OCL Persistence

OCL Persistence

The Eclipse OCL component implements the OCL Abstract Syntax model as an EMF-based metamodel. Thus, parsed OCL expressions and constraints can be serialized, for example in XMI documents. The OCL 2.4 specification is unclear about how the serialization of expressions should look (this will be solved in the next OCL 2.5 specification), especially where references to demand-created types are concerned. This topic discusses the approach taken by the Eclipse OCL component to provide a practical solution to this problem.

The Type Resolver

OCL defines a number of template metaclasses, including the CollectionType metaclass and its specializations, MessageType, and TupleType. In all of these cases, OCL specifies that these templates are instantiated as needed in the OCL environment, and that only one instance of a template exists for any given combination of template arguments. For example, only one OrderedSet(String) exists and it is created on the occasion when it is first needed.

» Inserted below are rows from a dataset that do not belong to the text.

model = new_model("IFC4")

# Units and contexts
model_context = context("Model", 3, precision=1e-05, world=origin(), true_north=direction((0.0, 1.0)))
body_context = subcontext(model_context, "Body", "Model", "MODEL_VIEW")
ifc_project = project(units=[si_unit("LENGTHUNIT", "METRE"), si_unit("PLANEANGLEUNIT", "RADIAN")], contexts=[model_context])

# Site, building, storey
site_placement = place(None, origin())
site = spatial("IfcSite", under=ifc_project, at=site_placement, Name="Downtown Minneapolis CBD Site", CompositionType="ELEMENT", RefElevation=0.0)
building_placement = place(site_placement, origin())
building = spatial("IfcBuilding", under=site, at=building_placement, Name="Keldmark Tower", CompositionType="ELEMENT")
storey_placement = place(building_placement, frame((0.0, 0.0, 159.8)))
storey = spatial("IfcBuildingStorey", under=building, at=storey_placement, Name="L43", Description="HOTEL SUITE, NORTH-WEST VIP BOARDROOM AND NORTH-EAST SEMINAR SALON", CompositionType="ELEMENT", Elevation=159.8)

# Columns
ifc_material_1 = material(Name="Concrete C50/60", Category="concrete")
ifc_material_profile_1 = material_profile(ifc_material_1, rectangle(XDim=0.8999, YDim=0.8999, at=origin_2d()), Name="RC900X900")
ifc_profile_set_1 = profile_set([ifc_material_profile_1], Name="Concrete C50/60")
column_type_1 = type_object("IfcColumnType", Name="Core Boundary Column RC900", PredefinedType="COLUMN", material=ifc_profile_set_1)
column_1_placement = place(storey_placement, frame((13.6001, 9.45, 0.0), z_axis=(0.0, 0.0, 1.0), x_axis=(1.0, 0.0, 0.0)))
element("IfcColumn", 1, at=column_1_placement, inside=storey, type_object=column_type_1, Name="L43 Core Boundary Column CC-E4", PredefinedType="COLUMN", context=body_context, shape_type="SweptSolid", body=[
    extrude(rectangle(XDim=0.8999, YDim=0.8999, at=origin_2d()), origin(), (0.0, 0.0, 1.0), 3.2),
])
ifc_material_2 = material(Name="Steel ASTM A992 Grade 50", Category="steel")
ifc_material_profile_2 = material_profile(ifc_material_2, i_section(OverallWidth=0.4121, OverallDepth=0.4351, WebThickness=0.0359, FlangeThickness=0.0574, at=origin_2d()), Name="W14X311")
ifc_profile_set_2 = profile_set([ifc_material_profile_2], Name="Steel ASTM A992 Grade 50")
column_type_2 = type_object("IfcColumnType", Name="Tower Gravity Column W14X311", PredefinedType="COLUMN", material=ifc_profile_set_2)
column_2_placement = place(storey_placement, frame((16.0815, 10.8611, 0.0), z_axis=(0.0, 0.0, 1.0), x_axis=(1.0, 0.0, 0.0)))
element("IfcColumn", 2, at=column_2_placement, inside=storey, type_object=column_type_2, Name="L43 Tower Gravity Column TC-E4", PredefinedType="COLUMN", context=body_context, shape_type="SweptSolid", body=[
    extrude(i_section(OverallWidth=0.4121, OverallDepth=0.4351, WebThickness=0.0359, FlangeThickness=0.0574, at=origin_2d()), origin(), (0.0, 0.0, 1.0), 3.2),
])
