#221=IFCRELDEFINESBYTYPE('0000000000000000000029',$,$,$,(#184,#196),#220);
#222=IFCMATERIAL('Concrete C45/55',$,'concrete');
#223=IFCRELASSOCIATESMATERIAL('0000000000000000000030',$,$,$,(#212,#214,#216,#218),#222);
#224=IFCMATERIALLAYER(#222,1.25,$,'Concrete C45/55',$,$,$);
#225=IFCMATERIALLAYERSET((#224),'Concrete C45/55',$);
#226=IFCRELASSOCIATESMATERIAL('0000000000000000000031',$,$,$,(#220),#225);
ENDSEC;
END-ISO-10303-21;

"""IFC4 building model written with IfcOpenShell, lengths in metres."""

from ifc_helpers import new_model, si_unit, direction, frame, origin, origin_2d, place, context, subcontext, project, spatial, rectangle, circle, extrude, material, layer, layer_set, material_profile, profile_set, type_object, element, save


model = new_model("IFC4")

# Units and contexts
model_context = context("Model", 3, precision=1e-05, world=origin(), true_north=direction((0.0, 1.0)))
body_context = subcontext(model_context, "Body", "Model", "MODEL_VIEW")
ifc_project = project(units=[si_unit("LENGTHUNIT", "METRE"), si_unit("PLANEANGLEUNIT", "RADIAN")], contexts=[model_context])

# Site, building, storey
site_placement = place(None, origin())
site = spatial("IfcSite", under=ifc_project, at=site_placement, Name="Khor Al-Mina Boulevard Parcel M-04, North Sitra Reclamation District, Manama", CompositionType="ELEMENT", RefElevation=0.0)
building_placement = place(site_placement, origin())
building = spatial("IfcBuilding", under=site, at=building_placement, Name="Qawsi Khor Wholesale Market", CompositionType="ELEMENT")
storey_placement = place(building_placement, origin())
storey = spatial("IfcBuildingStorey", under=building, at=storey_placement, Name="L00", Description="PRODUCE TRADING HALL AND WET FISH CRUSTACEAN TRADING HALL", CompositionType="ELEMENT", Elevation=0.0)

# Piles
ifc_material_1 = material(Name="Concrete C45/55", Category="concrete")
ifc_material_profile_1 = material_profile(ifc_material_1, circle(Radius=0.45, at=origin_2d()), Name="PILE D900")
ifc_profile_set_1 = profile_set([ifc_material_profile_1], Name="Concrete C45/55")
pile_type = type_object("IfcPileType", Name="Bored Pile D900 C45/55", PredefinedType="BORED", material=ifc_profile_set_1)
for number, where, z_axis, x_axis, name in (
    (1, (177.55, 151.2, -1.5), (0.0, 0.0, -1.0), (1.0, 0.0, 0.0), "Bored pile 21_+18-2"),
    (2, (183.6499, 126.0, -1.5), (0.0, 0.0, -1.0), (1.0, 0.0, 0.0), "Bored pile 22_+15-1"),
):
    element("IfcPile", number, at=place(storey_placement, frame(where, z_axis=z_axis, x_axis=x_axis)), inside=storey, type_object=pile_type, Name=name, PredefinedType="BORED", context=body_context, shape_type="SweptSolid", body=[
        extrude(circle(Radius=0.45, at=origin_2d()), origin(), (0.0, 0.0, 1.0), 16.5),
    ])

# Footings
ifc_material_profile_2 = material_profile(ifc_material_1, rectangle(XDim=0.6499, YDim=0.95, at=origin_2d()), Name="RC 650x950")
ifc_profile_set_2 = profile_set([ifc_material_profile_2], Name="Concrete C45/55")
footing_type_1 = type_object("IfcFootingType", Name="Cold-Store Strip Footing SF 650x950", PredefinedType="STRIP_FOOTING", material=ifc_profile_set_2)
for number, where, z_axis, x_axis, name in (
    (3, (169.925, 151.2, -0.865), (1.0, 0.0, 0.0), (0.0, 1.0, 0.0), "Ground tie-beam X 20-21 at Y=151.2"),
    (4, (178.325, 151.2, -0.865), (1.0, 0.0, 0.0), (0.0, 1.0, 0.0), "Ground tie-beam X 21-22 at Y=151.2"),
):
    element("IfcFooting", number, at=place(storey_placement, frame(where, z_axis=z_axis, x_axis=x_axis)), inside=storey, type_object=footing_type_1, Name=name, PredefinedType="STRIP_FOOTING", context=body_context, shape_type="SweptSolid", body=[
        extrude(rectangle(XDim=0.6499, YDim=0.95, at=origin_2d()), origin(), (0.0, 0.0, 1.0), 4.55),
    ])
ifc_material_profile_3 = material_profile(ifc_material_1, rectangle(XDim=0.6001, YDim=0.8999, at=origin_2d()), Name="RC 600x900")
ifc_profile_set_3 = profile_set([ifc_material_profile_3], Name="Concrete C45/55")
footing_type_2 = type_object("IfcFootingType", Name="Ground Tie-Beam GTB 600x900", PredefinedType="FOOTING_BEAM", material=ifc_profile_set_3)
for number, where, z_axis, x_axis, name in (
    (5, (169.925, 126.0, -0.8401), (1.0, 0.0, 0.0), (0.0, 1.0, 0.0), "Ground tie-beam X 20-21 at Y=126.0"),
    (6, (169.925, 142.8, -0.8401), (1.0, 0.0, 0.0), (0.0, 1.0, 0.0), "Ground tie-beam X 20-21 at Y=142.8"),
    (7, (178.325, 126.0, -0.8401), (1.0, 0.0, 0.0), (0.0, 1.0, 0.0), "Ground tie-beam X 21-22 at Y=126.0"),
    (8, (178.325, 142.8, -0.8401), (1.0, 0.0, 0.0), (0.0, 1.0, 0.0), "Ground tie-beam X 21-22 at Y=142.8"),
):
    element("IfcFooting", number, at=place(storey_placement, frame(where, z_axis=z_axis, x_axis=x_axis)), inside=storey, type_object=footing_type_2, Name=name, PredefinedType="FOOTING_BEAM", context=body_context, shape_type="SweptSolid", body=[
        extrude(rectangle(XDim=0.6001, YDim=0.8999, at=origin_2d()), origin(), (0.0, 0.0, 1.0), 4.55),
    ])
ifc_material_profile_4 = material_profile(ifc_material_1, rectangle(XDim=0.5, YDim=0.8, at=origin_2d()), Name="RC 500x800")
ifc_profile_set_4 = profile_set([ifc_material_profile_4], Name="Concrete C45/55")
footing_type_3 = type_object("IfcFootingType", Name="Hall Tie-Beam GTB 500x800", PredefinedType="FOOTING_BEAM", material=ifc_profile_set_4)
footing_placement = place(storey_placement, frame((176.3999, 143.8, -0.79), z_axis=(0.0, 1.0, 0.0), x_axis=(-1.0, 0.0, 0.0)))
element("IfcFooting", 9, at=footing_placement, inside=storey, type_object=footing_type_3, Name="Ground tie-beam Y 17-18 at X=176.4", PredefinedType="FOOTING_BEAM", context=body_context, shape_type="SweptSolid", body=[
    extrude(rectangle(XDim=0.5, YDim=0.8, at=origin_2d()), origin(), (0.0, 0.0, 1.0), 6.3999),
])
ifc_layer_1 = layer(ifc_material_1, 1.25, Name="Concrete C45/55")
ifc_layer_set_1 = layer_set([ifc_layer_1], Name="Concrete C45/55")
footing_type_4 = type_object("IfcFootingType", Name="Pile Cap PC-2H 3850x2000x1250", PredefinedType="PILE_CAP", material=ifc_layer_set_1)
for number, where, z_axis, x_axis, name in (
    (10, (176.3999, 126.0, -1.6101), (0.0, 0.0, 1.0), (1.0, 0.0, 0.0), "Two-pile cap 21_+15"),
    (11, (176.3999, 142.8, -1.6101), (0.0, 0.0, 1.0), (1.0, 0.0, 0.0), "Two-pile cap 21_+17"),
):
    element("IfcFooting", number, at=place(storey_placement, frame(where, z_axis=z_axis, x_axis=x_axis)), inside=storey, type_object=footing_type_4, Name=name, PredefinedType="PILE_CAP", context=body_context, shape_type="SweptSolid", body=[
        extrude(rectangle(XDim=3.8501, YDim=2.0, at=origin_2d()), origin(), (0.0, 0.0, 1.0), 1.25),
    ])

Likewise, the OclMessage type for invocations of the EModelElement::getEAnnotation(EString) operation and the Tuple{a : String, b : EClass} type.

The problem is, that the OCL Specification does not indicate how expressions that reference such demand-created types can be persisted, because it does not define what should own these types. A similar problem exists for additional operations and attributes defined in OCL via def: expressions. The TypeResolver API is responsible for the demand-creation of these types and for their persistence.

Every Environment has a TypeResolver that persists demand-created types and additional features. For a client that doesn’t require persistence, the TypeResolver will create a Resource with the dummy ocl:// scheme (no resource factory is provided for this scheme).

A client that does require persistence of OCL expressions and these demand-created elements should provide a specific resource in which to store them, either via the OCL class’s newInstance(EnvironmentFactory, Resource) factory method or via the EnvironmentFactory interface’s load(Resource) method.

Resource modelResource = getResourceSet().getResource(
        URI.createPlatformResourceURI("/models/My.ecore", true), true);

// persist demand-created types etc. in my model resource
OCL<?, EClassifier, ?, ?, ?, ?, ?, ?, ?, Constraint, EClass, EObject> ocl;
ocl = OCL.newInstance(EcoreEnvironmentFactory.INSTANCE, myResource);

// use the OCL to parse constraints, store them in the Ecore model,
//   and save everything together in one resource for a consistent,
//   self-contained OCL environment

...

The AbstractTypeResolver class creates packages in which to store the different elements that it creates: collection types, message types, tuple types, and additional operations and attributes. These last are owned by classes that “shadow” the classifiers in which context they are defined, in the manner by which the OCL specification’s adaptation for EMOF indicates that operations are to be “owned” by EMOF DataType s.

An environment implementation can customize the way these demand-created elements are stored, by choosing different packages or using some other strategy altogether. Or, using the default TypeResolver implementation, a client of the OCL parser can find the demand-created objects in the resolver’s resource and relocate them as needed.